Матьмоегоребенка, или Азбука аферизма - Огородникова Татьяна Андреевна. Страница 27

– Ну что ты, Ванюш, вечно никто не живет. Смотри, я еще молодцом – вон сколько мне лет. Спасибо, что не прибрали, когда тебя нужно было на ноги ставить. А теперь ты сам кого хочешь поставишь на ноги да и на голову… Семьдесят пять – хороший возраст для того, чтобы попрощаться с миром, – бабуля снова улыбнулась. Она была сильнее Ивана. Она была самой сильной на свете женщиной. Ивану стало страшно. Он не представлял себе, как будет жить без нее.

– Ба, – как в детстве назвал он ее, – а мне, что мне делать?

– Как что? Живи своей жизнью. Все по плану. Завтра – работа, не мешало бы тебе съездить отдохнуть, а то на тебе лица нет уж который месяц. Живи, наслаждайся. Все идет своим чередом. Спокойной ночи!

Бабуля потрепала Ивана по волосам и, немного припадая на левый бок, пошла в свою комнату.

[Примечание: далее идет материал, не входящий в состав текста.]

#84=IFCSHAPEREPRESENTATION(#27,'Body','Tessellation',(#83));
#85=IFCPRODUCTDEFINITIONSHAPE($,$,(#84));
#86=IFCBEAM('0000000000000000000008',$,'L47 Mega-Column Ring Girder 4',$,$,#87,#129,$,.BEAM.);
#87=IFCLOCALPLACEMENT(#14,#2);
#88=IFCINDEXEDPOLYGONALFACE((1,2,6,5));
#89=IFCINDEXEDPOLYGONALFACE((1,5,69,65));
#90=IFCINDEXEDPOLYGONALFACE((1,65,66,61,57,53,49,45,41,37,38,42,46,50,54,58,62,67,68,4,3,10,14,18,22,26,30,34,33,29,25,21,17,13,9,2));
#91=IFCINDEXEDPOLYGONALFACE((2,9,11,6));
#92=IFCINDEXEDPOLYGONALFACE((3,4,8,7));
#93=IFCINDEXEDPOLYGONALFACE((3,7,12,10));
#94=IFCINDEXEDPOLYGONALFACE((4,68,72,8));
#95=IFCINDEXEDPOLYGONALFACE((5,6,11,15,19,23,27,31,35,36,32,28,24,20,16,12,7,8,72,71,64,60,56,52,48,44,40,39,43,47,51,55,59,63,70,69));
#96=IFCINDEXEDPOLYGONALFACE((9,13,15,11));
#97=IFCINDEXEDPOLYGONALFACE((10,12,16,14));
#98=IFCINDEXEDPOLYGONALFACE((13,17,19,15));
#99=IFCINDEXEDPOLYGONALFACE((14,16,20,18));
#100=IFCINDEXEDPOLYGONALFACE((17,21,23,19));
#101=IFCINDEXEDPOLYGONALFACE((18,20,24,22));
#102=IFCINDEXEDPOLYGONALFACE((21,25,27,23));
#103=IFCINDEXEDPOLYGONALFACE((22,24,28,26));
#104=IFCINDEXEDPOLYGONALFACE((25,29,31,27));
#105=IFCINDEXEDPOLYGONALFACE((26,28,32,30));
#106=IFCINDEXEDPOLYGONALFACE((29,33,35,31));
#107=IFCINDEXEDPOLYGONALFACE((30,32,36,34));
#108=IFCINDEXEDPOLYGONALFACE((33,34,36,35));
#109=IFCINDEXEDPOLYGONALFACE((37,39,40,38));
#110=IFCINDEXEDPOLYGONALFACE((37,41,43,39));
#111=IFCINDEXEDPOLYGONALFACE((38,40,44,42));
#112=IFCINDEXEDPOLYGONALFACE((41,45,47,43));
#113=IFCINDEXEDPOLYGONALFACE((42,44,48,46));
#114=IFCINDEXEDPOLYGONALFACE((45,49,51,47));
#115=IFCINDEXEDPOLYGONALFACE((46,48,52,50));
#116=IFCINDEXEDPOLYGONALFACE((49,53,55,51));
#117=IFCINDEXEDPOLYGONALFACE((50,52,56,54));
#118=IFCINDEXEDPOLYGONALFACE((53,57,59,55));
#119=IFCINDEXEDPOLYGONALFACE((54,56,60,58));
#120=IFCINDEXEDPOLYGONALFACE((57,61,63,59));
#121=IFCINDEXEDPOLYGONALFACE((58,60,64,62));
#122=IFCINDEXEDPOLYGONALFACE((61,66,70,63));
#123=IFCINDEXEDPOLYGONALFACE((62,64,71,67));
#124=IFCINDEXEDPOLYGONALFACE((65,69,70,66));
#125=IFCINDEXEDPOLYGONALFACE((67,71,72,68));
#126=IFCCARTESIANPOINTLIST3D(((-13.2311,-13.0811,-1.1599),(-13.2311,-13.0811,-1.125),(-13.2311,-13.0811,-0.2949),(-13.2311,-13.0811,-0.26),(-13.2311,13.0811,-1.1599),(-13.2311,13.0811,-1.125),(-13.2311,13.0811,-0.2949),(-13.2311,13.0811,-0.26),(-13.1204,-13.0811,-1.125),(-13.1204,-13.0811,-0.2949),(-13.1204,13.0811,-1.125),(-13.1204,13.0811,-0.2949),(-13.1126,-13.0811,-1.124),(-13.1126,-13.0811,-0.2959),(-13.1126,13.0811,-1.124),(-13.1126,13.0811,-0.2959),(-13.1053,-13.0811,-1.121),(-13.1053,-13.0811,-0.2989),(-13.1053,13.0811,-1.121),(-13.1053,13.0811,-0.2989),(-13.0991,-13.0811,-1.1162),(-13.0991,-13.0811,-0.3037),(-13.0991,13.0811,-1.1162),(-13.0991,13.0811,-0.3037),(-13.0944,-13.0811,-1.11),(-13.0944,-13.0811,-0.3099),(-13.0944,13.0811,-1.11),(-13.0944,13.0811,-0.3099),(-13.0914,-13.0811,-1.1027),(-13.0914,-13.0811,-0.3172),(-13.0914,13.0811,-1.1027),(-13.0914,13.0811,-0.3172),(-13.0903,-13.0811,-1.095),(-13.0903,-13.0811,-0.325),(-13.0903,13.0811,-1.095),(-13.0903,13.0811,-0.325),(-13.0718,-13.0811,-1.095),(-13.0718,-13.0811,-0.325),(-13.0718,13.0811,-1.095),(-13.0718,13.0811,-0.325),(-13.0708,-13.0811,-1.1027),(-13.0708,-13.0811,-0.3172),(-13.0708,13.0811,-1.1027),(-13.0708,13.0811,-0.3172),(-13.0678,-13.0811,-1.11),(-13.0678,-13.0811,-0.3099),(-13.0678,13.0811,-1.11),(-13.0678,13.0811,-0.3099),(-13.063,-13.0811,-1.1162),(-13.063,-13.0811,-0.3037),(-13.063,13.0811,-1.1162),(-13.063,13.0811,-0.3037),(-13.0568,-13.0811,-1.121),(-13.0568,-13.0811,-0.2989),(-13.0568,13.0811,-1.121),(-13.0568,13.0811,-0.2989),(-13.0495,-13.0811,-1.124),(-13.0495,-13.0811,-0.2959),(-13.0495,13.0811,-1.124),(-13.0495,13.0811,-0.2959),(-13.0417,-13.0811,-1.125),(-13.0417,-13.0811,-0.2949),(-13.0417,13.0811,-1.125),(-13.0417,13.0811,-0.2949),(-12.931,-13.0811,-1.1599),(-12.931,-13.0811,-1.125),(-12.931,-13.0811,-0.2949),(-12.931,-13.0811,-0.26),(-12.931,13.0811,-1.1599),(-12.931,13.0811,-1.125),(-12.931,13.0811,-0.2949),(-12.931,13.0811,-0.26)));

Иван остался сидеть, обхватив голову руками.

Он не заметил, сколько пролетело времени в мрачных раздумьях, чередующихся то надеждой, то мыслями о Даше, Ане, Марине… Иван недоумевал, видя хитросплетения человеческих судеб, многообразие эмоций, которые можно испытывать одному и тому же человеку, и… как одновременно могут храниться в ячейках мозга горестное осознание смерти самого близкого человека и радостное предвкушение совместной поездки с другим любимым человеком? Удивительно, как быстро человек привыкает и к плохим, и к хорошим новостям. Еще несколько часов назад Ивану Гурьеву вообще не пришло бы в голову задуматься о смерти. А теперь она, как полноправный член семьи, потихоньку, без приглашения поселилась в его доме, рассчитывая присутствовать на всех домашних мероприятиях, жить в одной комнате с бабулей, сидеть с ними за столом… Странно. Как будто так было всегда. Может, бабуля права, надо действительно философски относиться к факту, что исход предопределен свыше?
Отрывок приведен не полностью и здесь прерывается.